An Exercise in Irrelevance - Barriers to Reuse

I greatly enjoyed going to a workshop organised by Uniprot on data reuse. It was nice to see again some faces that I have not seen for a while; also nice to get a mention from Alex Bateman on a paper that Michael Bell and I wrote quite a few years ago know. I hope I managed to contribute something useful, although I am sure I started to get incoherent toward 8pm, as my stomach told me I needed dinner and my brain told me it needed sofa time.
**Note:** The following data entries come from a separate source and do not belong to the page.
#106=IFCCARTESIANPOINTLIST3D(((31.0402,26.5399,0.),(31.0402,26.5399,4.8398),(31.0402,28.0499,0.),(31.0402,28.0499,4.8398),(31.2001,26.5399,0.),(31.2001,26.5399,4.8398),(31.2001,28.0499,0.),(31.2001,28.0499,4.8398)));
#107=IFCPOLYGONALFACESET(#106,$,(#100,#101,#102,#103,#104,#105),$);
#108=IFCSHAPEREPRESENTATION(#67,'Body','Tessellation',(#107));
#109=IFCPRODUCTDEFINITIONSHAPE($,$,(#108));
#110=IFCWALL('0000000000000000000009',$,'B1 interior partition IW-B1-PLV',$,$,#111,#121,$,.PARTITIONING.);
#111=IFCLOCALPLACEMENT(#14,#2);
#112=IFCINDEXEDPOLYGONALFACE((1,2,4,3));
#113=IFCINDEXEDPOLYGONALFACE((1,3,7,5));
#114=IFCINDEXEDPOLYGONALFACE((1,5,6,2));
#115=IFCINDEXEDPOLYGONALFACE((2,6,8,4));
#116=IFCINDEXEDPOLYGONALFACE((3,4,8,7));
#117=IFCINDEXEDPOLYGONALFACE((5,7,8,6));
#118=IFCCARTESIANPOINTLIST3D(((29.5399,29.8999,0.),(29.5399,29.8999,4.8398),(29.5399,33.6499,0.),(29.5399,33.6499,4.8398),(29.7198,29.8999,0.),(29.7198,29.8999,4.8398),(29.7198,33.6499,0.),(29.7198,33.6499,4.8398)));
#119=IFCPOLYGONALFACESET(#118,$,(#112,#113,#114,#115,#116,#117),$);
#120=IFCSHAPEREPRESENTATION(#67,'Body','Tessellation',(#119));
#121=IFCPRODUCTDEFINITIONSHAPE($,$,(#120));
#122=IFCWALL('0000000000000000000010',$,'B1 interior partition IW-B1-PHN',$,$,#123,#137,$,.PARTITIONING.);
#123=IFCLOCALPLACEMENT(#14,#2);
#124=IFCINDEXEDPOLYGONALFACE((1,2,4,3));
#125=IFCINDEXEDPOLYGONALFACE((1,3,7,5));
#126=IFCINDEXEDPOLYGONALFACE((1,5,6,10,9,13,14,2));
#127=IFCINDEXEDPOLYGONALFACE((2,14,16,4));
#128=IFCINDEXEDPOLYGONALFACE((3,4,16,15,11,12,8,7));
For me, it was a nice chance to think about where we have come from and how far we have come. Bioinformatics is now such a knowledge rich domain and we have built this complex knowledge ecosystem with data distributed around the world, updated and freely accessible. The complexity of it all is probably in excess of almost any other discipline, although, of course, in terms of size we are dwarfed by many other areas.

Tying all of this together is a complex string of technologies from things like accession numbers, URLs, a whole variety of APIs, with XML, RDF thrown in their somewhere; and, of course, everywhere we go in biology, the inescapable reality that for all of the context and much of the actual data is only available in free text, hidden in papers. The system has grown over the years making it baroque, confusing and chaotic; but organised enough that you can do amazing things with it, a vast knowledge structure which underpins almost all of our attempts to understand biology these days.

The hope is to produce a white paper from the workshop, so I won’t repeat the discussion more than that, but I may also do some thinking about the technology that we use for reuse and the criteria that we might judge this by.